The Doshis then returned to court seeking to secure their claim, arguing that once liquidation payments began, there was a risk that insufficient funds would remain to satisfy any future judgment in their favour. They sought orders requiring the bank and the Central Bank of Kenya to set aside over US$7.2 million or provide binding guarantees of payment.

While the High Court initially declined to ring-fence the funds, it ordered the bank and regulator to provide an undertaking guaranteeing payment should the claim succeed, citing continuity from the earlier 2016 consent order.
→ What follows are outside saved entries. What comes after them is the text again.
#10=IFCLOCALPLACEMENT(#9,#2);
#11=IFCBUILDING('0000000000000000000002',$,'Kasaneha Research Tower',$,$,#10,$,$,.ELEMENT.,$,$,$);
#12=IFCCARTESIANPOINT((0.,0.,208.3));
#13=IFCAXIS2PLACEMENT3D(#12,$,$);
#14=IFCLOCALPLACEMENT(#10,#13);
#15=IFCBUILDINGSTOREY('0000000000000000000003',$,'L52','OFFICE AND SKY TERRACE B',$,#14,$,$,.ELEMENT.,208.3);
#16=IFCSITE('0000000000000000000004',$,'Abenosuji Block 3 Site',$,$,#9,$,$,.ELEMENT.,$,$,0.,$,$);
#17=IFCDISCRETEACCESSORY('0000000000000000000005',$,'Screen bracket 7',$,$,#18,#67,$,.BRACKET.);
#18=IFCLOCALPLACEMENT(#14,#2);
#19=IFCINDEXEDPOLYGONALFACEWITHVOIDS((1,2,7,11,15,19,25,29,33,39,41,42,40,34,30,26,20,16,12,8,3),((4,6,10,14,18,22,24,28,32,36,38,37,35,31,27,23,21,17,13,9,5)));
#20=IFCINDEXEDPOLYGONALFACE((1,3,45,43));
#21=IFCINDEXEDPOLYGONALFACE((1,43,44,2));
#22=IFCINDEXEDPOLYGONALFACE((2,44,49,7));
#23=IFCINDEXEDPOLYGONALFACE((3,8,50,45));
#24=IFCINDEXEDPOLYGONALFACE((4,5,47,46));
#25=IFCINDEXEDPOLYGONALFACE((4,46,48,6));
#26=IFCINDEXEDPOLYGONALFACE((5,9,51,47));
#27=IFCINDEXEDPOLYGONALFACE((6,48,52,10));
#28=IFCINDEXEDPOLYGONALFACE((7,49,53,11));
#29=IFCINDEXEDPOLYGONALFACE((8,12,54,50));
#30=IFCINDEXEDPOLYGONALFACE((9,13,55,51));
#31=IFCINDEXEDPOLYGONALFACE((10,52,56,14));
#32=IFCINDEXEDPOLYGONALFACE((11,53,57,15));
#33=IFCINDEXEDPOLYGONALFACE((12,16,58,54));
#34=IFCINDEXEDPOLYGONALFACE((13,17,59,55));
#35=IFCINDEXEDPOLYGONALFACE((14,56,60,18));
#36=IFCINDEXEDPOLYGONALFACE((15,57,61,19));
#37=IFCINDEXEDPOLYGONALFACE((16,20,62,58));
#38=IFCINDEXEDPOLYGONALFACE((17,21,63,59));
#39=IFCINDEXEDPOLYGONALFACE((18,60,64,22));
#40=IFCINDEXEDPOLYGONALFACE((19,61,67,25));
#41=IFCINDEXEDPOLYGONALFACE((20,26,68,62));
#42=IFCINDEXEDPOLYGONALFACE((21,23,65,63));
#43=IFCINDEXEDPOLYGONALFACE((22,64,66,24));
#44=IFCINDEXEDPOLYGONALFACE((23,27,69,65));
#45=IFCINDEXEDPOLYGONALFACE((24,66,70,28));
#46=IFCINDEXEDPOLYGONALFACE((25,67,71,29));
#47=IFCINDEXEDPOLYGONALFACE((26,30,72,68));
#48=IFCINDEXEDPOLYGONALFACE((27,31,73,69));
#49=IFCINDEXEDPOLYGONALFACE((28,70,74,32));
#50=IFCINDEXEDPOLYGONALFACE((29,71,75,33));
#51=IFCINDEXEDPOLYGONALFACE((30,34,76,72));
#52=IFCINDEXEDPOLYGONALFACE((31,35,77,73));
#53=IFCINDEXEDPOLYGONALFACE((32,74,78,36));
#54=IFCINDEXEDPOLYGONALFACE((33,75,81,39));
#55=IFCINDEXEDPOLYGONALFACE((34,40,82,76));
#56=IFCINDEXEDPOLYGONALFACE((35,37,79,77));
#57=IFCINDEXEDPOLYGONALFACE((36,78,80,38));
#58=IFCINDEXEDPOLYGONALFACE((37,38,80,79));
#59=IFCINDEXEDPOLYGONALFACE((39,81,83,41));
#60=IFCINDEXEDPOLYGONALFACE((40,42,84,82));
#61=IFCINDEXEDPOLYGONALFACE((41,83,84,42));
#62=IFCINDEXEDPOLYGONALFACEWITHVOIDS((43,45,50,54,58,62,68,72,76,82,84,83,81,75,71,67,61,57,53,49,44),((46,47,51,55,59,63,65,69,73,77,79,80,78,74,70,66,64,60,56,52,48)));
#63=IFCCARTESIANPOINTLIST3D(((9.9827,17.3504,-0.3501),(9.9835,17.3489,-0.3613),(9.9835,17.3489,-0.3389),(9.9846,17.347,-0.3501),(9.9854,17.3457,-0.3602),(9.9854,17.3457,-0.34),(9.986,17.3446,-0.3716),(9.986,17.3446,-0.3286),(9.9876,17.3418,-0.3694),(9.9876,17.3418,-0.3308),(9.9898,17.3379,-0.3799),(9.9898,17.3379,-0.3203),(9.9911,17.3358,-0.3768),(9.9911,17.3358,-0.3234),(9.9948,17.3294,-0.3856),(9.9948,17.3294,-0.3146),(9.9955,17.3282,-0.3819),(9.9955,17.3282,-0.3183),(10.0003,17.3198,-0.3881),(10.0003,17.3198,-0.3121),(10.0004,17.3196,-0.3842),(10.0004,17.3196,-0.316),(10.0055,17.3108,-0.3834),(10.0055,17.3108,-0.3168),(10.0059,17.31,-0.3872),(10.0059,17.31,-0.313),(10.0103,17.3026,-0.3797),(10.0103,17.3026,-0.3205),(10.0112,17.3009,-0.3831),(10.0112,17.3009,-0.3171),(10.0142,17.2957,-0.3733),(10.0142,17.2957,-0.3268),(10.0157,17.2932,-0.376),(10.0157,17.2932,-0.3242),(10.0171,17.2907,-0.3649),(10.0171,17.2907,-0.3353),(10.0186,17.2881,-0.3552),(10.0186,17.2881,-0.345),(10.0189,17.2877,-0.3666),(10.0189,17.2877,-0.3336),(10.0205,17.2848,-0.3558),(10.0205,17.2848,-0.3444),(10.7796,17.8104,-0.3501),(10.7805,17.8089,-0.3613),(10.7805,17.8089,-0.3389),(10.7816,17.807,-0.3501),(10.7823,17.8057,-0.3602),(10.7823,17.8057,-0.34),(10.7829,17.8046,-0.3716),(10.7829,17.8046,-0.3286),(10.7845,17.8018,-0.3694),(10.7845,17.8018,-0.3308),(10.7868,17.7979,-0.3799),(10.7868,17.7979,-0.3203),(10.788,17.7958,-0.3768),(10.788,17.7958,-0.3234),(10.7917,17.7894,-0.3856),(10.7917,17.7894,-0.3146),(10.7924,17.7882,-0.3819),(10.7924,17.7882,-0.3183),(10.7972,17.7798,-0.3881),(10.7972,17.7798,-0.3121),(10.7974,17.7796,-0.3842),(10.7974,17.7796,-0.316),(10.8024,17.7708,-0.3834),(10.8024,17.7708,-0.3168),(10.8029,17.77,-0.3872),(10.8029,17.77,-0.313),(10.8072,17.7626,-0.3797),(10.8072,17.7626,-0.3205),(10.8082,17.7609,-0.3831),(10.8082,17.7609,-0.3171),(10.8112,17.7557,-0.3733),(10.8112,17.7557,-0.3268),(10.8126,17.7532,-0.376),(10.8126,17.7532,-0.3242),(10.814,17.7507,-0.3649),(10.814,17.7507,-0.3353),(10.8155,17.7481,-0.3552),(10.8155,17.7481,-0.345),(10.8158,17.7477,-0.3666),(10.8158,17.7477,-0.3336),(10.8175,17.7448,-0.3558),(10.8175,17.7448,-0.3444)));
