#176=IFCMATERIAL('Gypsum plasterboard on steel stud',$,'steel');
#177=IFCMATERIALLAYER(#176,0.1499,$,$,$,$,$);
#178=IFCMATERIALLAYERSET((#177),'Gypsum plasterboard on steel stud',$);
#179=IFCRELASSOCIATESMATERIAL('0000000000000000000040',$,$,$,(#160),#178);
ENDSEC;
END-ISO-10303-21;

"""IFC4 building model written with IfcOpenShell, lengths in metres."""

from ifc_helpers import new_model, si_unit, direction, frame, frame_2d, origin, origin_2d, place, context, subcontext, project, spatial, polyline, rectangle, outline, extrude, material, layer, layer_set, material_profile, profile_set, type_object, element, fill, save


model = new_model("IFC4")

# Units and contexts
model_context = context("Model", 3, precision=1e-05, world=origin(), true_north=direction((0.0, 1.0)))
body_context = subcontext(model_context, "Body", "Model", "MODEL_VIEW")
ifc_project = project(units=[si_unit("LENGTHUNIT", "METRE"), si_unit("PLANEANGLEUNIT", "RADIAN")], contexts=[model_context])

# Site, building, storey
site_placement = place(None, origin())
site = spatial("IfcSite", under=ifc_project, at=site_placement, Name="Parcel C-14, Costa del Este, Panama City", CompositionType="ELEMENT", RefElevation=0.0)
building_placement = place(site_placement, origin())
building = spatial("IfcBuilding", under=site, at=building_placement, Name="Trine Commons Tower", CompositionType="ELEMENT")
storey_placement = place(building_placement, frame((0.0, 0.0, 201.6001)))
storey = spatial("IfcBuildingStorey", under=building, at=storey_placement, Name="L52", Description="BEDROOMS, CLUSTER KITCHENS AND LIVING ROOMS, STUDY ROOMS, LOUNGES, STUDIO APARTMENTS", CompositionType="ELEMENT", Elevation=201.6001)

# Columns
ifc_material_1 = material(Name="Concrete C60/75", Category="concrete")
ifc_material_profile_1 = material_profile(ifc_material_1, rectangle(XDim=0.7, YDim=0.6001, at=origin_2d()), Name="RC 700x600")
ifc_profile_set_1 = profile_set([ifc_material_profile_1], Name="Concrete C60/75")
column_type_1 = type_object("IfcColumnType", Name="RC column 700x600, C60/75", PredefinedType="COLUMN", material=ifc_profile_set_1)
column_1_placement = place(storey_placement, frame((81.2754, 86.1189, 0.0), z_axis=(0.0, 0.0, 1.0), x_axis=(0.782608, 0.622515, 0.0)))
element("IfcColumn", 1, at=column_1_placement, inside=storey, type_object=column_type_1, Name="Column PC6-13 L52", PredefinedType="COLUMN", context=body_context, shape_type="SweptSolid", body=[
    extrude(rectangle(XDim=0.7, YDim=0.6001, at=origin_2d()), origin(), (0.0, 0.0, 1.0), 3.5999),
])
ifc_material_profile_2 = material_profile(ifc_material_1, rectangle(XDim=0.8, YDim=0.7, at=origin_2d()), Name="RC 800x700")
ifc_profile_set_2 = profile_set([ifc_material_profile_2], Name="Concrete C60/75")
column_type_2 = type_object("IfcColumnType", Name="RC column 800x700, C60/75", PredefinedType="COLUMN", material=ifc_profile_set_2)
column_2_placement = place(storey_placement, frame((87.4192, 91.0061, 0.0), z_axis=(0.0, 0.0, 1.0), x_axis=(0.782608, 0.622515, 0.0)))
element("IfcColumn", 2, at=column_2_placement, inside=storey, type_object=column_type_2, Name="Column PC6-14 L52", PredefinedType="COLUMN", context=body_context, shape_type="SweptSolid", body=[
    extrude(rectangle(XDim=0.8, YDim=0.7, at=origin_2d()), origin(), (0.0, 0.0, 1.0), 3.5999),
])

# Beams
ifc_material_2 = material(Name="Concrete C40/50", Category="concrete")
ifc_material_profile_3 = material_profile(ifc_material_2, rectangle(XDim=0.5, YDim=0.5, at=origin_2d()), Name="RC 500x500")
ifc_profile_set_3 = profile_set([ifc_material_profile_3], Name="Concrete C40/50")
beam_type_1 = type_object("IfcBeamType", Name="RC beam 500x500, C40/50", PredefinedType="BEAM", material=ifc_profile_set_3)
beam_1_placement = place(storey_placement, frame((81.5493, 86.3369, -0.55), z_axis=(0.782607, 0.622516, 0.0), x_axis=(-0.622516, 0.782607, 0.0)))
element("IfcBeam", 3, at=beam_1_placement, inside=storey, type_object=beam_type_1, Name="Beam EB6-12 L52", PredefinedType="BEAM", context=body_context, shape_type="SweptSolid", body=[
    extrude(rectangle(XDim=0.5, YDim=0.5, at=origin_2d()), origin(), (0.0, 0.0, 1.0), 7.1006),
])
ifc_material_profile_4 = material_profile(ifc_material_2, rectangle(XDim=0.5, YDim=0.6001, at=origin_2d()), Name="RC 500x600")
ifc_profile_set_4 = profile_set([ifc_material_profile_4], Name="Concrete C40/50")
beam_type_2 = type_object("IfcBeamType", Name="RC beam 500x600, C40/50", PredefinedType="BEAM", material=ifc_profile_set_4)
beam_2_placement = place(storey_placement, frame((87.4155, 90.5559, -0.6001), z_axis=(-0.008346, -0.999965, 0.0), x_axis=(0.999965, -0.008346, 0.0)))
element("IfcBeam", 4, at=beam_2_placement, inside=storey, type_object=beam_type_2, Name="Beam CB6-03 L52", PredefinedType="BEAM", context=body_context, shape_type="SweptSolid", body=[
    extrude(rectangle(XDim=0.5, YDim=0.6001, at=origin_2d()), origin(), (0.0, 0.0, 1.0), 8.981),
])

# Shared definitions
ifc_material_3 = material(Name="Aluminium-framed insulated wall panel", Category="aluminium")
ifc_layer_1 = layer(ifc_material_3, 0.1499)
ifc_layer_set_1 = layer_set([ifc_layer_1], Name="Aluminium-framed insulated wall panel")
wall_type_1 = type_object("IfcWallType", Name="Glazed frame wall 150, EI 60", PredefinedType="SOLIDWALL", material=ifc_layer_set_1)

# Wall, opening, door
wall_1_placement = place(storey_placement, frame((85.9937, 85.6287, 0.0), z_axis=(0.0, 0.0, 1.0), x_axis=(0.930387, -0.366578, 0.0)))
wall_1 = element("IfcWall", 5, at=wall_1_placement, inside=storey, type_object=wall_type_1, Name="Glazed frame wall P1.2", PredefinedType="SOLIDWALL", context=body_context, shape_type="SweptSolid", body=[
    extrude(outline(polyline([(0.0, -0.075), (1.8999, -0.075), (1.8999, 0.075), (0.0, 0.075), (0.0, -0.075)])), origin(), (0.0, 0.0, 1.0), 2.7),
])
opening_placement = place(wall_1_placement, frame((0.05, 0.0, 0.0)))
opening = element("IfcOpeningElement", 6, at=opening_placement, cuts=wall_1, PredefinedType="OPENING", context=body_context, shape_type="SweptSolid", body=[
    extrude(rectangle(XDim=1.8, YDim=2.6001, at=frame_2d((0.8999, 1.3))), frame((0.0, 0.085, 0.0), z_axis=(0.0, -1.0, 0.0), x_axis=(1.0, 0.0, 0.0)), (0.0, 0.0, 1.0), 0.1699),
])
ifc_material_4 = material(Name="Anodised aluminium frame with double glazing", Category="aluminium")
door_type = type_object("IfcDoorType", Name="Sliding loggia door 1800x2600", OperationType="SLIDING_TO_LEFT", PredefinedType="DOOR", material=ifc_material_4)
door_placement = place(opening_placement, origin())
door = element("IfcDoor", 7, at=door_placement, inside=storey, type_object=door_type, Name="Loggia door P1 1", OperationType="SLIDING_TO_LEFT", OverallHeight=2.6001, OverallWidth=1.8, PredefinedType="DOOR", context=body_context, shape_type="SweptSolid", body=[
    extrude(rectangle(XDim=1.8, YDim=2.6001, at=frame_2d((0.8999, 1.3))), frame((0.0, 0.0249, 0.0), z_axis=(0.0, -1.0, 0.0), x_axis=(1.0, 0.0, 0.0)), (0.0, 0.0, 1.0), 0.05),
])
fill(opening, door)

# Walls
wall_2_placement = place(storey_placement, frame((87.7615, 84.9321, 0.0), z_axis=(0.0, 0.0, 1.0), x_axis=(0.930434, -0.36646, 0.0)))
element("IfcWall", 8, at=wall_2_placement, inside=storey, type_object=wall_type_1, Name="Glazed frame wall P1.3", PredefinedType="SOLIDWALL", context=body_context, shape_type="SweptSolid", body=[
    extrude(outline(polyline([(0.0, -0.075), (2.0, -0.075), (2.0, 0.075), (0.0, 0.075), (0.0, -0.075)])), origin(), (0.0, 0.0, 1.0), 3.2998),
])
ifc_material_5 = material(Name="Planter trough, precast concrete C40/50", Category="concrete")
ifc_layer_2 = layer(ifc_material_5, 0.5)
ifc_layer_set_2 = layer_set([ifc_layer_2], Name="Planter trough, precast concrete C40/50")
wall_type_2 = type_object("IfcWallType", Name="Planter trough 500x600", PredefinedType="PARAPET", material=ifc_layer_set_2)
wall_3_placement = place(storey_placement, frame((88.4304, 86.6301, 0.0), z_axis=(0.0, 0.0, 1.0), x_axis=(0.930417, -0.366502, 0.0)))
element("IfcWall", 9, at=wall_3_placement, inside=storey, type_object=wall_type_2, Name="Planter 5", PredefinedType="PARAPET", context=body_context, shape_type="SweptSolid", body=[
The Court of Appeal disagreed, stating that insolvency law is designed to ensure orderly and collective distribution of assets, and does not permit preferential treatment unless explicitly provided for by statute.

Judges further ruled that the Central Bank of Kenya had not assumed personal liability under the earlier undertaking and could not be held responsible simply by virtue of its supervisory role through the deposit insurance framework.

The court also reaffirmed the independence of the Kenya Deposit Insurance Corporation in managing liquidation processes, warning that judicially created preferences would undermine fairness and disrupt the orderly resolution of failed financial institutions.

The ruling leaves the Doshis to pursue their claims through the standard liquidation process alongside other creditors, while the broader legal dispute with Imperial Bank Limited and the Central Bank of Kenya remains ongoing.